Educação precisa se conectar ao cotidiano dos alunos
É fundamental pensar uma escola comprometida com o desenvolvimento integral dos estudantes
João leu quatro livros, Maria leu três, Renata leu sete, e Pedro apenas um. Criar um gráfico de barras que represente a quantidade de livros lidos por cada criança deveria ser uma tarefa básica para alunos do 4º ano. No entanto essas são habilidades ainda fora do alcance de grande parte dos estudantes brasileiros.
O Brasil apresenta dificuldades históricas no aprendizado de matemática, reveladas, mais uma vez, no Estudo Internacional de Tendências em Matemática e Ciências (TIMSS 2023), divulgado recentemente. A avaliação mostrou que 16% dos alunos brasileiros do 4º ano e 18% dos alunos do 8º ano tiveram desempenho igual ou menor que o esperado por um estudante que chutasse todos os itens de múltipla escolha. Além disso, 5% dos alunos erraram todas as questões.
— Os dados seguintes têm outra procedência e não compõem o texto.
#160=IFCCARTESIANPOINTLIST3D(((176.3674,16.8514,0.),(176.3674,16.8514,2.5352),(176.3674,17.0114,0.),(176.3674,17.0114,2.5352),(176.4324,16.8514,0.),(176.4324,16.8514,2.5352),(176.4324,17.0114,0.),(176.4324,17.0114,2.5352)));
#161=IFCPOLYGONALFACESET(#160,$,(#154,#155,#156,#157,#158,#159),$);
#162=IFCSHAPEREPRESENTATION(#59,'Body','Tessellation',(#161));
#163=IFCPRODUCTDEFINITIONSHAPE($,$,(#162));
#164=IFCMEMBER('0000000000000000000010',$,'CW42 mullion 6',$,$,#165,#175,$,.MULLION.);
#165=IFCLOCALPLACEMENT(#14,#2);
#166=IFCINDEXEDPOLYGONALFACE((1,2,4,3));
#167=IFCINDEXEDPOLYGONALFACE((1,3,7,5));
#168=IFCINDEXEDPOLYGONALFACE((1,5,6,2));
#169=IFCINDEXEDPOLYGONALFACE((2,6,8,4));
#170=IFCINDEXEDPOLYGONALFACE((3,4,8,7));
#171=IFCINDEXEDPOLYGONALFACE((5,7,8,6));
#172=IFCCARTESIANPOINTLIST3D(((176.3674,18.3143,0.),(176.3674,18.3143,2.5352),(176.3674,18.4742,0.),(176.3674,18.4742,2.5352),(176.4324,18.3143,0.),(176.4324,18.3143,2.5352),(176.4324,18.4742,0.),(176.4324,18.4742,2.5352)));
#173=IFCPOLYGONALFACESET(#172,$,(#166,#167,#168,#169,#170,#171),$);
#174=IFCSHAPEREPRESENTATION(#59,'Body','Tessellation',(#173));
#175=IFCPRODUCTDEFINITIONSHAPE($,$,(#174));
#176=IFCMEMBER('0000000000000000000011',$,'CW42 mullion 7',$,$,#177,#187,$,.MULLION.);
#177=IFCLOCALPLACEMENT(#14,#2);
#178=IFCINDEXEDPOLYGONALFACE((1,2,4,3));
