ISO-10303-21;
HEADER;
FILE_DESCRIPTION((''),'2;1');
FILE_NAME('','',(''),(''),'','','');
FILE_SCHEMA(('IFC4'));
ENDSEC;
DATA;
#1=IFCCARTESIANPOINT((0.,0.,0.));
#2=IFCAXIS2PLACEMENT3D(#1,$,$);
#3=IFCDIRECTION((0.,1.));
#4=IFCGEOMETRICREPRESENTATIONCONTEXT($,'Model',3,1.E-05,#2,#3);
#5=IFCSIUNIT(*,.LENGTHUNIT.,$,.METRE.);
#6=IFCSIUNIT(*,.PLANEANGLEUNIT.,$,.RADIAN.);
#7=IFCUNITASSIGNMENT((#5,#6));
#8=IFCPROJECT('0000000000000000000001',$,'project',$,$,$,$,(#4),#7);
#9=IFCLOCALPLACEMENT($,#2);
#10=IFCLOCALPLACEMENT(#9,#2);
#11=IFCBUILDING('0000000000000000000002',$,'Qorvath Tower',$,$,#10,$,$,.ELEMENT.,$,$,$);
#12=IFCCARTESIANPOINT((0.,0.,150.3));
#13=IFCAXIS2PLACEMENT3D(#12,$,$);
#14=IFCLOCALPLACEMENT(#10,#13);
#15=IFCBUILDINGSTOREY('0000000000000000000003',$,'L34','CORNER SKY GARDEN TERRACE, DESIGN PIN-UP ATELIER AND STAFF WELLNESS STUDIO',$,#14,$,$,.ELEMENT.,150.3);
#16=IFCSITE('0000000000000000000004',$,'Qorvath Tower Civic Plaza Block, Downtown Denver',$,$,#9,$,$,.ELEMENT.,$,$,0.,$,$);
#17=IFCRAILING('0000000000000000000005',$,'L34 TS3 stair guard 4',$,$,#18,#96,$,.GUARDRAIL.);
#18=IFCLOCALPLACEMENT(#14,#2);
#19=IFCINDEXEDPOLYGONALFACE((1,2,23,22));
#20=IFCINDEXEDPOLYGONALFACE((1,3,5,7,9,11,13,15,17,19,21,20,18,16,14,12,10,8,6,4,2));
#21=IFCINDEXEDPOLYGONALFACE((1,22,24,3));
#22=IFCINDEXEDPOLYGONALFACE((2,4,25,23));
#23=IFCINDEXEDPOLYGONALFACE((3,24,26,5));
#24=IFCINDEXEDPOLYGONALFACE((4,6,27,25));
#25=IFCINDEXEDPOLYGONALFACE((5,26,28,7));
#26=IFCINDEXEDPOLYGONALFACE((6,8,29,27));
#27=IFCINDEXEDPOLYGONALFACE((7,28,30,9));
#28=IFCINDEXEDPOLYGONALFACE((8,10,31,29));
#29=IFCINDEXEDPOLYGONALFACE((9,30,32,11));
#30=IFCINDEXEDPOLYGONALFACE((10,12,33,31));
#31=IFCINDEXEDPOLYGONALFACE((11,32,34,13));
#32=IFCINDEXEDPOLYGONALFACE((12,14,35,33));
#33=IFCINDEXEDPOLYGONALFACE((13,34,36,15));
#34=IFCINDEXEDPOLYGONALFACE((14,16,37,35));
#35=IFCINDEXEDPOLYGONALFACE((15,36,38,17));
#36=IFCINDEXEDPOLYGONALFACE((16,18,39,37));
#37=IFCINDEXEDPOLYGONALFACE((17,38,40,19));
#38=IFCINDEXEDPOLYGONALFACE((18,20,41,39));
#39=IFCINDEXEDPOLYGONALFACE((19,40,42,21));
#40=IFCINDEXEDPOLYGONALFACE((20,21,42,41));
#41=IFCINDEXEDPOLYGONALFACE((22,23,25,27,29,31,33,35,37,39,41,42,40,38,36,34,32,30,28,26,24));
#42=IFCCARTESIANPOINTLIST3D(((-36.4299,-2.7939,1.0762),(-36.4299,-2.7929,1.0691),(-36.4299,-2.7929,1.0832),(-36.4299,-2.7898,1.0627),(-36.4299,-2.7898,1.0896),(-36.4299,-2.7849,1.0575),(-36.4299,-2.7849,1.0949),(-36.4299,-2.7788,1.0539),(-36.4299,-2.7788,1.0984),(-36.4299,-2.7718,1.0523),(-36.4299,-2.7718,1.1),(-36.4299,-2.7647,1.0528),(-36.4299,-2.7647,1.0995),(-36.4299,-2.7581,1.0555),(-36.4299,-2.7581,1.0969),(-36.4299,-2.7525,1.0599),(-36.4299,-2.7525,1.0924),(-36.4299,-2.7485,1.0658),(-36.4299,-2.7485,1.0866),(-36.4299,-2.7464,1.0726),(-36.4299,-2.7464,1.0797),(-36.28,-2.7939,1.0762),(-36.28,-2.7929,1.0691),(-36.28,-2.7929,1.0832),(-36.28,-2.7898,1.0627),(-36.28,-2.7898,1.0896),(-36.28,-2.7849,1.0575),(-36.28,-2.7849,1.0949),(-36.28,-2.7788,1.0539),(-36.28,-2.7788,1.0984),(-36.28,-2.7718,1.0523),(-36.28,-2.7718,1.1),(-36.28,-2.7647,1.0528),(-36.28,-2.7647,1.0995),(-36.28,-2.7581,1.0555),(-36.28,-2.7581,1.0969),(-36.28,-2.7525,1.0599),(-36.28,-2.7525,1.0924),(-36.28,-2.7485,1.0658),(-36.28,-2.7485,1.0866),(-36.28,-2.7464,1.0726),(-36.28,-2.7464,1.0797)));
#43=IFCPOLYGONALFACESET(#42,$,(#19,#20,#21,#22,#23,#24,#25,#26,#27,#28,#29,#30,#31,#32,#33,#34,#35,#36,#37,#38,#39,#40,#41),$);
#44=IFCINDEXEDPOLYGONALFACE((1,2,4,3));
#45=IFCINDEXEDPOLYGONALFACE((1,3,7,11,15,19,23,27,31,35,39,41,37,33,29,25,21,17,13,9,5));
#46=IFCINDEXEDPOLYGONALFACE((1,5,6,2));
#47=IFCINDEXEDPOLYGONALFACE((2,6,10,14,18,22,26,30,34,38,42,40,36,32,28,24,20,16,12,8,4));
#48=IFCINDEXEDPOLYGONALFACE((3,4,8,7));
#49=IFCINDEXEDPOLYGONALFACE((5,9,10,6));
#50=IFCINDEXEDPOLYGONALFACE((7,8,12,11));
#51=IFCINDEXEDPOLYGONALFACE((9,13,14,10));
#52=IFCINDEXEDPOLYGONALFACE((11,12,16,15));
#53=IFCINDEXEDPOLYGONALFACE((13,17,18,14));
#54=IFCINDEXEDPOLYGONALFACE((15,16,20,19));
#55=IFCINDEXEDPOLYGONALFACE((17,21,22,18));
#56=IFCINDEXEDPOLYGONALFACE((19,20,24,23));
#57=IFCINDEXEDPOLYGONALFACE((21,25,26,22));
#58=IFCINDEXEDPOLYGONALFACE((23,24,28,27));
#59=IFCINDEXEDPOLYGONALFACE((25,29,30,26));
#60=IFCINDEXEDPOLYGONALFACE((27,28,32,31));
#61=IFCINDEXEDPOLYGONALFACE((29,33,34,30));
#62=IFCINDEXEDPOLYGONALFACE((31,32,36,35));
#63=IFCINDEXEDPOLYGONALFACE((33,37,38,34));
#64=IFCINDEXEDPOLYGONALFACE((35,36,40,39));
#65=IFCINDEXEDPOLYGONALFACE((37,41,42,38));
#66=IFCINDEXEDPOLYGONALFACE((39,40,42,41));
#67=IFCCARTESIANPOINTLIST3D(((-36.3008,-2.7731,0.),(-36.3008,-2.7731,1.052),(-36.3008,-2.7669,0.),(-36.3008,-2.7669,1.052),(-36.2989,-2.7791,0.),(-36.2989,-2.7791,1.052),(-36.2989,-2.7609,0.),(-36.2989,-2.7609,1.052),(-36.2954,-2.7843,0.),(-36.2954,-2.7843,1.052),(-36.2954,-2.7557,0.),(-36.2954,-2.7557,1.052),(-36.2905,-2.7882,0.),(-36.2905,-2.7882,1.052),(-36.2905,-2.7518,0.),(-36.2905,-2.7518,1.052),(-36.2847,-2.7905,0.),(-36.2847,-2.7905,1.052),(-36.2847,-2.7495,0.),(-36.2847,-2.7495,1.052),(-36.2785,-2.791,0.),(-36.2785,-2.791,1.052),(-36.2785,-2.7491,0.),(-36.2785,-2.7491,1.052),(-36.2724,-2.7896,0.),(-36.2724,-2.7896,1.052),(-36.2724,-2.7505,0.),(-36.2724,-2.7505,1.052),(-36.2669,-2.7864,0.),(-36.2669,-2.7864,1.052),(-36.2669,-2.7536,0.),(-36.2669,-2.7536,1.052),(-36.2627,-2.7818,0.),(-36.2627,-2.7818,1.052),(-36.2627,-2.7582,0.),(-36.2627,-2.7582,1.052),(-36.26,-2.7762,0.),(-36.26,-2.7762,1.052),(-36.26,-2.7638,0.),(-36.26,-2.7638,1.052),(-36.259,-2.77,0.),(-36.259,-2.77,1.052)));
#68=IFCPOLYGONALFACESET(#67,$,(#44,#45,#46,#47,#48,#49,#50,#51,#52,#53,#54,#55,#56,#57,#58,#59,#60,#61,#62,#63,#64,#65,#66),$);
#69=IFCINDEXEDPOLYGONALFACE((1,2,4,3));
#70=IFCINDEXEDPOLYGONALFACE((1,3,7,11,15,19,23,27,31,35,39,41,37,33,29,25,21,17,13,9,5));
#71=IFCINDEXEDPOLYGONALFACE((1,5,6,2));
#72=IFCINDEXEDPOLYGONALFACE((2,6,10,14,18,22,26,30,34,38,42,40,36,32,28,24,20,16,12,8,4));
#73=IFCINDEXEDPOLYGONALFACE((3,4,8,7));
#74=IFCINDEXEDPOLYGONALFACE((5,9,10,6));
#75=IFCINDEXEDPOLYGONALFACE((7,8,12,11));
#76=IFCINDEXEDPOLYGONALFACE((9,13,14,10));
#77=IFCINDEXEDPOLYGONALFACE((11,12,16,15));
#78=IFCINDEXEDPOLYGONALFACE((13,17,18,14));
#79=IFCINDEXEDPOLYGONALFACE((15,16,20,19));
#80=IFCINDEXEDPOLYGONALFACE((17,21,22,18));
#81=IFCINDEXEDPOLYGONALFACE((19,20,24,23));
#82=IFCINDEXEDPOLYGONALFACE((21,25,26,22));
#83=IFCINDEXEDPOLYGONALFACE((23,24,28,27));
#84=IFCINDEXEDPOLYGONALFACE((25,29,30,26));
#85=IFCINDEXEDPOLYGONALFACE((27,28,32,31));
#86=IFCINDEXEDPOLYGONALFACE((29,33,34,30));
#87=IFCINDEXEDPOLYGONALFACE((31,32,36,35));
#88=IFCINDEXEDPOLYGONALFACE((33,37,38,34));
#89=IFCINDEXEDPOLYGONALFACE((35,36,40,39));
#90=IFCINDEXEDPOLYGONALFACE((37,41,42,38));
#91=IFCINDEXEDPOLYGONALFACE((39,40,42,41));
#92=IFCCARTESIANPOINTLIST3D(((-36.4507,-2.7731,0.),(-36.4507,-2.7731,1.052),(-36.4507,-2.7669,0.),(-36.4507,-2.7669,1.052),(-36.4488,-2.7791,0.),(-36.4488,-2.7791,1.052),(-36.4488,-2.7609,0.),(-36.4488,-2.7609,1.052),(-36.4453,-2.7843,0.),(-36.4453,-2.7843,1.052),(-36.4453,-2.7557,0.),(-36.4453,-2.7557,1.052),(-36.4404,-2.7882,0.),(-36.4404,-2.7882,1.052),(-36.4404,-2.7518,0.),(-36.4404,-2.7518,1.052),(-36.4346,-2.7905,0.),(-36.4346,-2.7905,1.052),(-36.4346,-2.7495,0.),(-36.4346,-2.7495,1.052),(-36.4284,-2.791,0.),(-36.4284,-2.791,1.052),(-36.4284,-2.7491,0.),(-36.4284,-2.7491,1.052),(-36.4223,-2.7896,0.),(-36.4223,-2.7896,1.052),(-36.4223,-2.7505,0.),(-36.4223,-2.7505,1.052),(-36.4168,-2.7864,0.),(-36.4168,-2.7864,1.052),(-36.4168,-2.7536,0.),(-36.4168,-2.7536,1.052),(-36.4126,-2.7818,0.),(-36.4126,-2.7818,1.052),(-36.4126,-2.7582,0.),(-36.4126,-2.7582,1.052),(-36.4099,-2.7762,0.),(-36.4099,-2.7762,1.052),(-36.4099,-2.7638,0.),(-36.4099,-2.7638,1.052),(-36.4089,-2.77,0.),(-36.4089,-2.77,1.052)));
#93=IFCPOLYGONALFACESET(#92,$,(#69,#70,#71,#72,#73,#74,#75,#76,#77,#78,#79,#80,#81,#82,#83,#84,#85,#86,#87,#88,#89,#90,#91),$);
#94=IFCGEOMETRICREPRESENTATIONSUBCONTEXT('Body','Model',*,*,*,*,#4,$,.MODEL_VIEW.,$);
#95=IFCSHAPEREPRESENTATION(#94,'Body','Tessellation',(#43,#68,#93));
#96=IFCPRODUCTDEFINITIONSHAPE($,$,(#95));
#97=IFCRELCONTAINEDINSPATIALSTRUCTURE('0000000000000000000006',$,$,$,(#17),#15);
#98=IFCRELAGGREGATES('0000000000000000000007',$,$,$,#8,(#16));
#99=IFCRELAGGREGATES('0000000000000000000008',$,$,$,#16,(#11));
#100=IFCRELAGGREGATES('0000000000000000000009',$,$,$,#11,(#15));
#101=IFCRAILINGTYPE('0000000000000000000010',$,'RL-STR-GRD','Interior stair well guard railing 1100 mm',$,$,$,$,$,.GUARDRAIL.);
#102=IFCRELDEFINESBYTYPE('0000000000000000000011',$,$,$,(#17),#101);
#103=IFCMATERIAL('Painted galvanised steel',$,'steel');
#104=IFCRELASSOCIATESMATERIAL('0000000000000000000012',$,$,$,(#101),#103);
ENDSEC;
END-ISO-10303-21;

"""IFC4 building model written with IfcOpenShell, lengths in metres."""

from ifc_helpers import new_model, si_unit, direction, frame, origin, origin_2d, place, context, subcontext, project, spatial, circle, extrude, material, type_object, element, save


model = new_model("IFC4")

# Units and contexts
model_context = context("Model", 3, precision=1e-05, world=origin(), true_north=direction((0.0, 1.0)))
body_context = subcontext(model_context, "Body", "Model", "MODEL_VIEW")
ifc_project = project(units=[si_unit("LENGTHUNIT", "METRE"), si_unit("PLANEANGLEUNIT", "RADIAN")], contexts=[model_context])

# Site, building, storey
site_placement = place(None, origin())
site = spatial("IfcSite", under=ifc_project, at=site_placement, Name="Qorvath Tower Civic Plaza Block, Downtown Denver", CompositionType="ELEMENT", RefElevation=0.0)
building_placement = place(site_placement, origin())
building = spatial("IfcBuilding", under=site, at=building_placement, Name="Qorvath Tower", CompositionType="ELEMENT")
storey_placement = place(building_placement, frame((0.0, 0.0, 150.3)))
storey = spatial("IfcBuildingStorey", under=building, at=storey_placement, Name="L34", Description="CORNER SKY GARDEN TERRACE, DESIGN PIN-UP ATELIER AND STAFF WELLNESS STUDIO", CompositionType="ELEMENT", Elevation=150.3)

# Railing
ifc_material_1 = material(Name="Painted galvanised steel", Category="steel")
railing_type_1 = type_object("IfcRailingType", Name="RL-STR-GRD", Description="Interior stair well guard railing 1100 mm", PredefinedType="GUARDRAIL", material=ifc_material_1)
railing_1_placement = place(storey_placement, frame((-36.28, -2.77, 0.0)))
element("IfcRailing", 1, at=railing_1_placement, inside=storey, type_object=railing_type_1, Name="L34 TS3 stair guard 4", PredefinedType="GUARDRAIL", context=body_context, shape_type="SweptSolid", body=[
    extrude(circle(Radius=0.0239, at=origin_2d()), frame((0.0, 0.0, 1.0762), z_axis=(-1.0, 0.0, 0.0), x_axis=(0.0, -1.0, 0.0)), (0.0, 0.0, 1.0), 0.1499),
    extrude(circle(Radius=0.021, at=origin_2d()), origin(), (0.0, 0.0, 1.0), 1.052),
    extrude(circle(Radius=0.021, at=origin_2d()), frame((-0.1499, 0.0, 0.0)), (0.0, 0.0, 1.0), 1.052),
])

save(model, "model.ifc")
O desempenho piora à medida que os anos avançam, pois as aprendizagens básicas dos anos iniciais não estão bem consolidadas. É um ensino ligado à memória de curto prazo. O aluno estuda para a prova, mas logo esquece tudo. Há pouco espaço para pensamento complexo e trabalho de competências complementares ao pensamento matemático. Isso sugere que o ensino da matemática não se conecta com a vida e os desafios dos alunos.
Estudos realizados pelo Instituto Ayrton Senna com cerca de 100 mil estudantes dos ensinos fundamental e médio, numa rede pública no Sudeste do Brasil, mostram que o desenvolvimento de competências socioemocionais impacta o desempenho escolar. Alunos com alto nível de curiosidade para aprender apresentam pontuação média em matemática de 279 pontos, enquanto os com baixo nível dessa competência alcançam apenas 246 pontos — diferença equivalente a aproximadamente três meses de aprendizagem. Em língua portuguesa, os ganhos são equivalentes a até 5,8 meses de aprendizagem.
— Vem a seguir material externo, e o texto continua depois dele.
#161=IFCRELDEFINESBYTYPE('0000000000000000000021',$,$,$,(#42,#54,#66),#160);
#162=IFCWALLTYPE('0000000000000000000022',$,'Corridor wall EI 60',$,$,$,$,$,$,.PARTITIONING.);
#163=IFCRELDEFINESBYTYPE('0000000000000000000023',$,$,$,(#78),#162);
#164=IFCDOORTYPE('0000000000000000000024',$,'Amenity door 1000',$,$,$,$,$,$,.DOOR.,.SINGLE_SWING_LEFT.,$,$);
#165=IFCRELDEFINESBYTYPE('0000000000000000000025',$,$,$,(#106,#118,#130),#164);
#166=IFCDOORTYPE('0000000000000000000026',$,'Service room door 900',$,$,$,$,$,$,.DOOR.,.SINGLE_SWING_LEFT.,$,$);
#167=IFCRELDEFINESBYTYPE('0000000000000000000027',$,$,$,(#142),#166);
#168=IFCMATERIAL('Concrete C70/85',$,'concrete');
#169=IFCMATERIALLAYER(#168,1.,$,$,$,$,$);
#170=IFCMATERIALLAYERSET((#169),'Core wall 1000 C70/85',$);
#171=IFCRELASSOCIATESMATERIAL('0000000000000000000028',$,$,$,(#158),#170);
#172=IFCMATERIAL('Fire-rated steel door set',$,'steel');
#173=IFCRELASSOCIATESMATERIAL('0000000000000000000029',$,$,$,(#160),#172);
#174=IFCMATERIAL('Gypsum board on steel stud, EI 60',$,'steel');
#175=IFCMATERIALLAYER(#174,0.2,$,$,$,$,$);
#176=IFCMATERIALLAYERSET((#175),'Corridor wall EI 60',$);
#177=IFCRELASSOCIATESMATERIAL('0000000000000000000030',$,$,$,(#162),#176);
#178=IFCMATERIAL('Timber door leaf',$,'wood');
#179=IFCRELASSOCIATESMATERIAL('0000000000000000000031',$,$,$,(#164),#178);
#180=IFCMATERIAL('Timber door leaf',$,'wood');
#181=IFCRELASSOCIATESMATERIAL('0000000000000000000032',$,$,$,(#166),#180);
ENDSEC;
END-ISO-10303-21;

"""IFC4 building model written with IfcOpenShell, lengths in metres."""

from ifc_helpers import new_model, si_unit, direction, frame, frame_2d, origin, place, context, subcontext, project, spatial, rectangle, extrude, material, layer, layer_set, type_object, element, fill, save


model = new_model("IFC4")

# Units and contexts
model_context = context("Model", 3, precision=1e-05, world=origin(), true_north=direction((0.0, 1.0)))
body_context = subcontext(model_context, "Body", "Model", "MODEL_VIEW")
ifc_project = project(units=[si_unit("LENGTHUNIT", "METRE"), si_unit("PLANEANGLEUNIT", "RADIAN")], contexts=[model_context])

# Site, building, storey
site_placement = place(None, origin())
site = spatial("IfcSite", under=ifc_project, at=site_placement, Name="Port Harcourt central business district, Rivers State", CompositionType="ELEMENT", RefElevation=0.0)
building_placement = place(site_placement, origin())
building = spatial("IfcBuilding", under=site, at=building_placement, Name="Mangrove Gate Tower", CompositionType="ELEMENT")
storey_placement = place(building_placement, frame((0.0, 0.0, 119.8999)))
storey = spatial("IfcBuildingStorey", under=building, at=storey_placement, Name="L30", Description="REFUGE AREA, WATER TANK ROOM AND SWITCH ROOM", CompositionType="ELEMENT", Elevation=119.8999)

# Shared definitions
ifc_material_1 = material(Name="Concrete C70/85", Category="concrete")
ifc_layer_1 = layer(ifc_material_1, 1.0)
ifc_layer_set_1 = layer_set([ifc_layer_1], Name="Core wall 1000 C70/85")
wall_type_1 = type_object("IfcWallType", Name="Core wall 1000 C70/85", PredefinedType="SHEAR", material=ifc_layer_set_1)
No contexto atual, marcado por graves defasagens de aprendizagem intensificadas pela pandemia, cada mês de ganho educacional representa avanço significativo.
Esses achados estão alinhados com estudos internacionais que tratam da mesma temática. O Pisa (2024), ao avaliar o pensamento criativo, demonstrou que cerca de 30% do desempenho dos alunos nessa habilidade estava diretamente relacionado a suas competências matemáticas.
Os dados desafiam a visão tradicional de que competências cognitivas e socioemocionais são aspectos distintos do aprendizado. Pelo contrário, ambas estão profundamente interligadas e devem ser desenvolvidas com o mesmo grau de empenho, dedicação e excelência. Não se trata de priorizar uma em detrimento da outra. Estimular simultaneamente essas competências proporciona um aprendizado integral, em que cada dimensão contribui para o crescimento pleno e significativo dos estudantes.
O desenvolvimento de habilidades em matemática e ciências prepara os jovens para profissões necessárias em rápida ascensão, caso das dedicadas a pensar desafios globais como crise climática, energias renováveis e tecnologias sustentáveis. Além disso, segundo o Fórum Econômico Mundial, 75% dos empregos emergentes exigirão competências em áreas de ciências, tecnologia, engenharia e matemática (STEM, na sigla em inglês). O Brasil precisará de aproximadamente 530 mil profissionais na área de tecnologia em 2025.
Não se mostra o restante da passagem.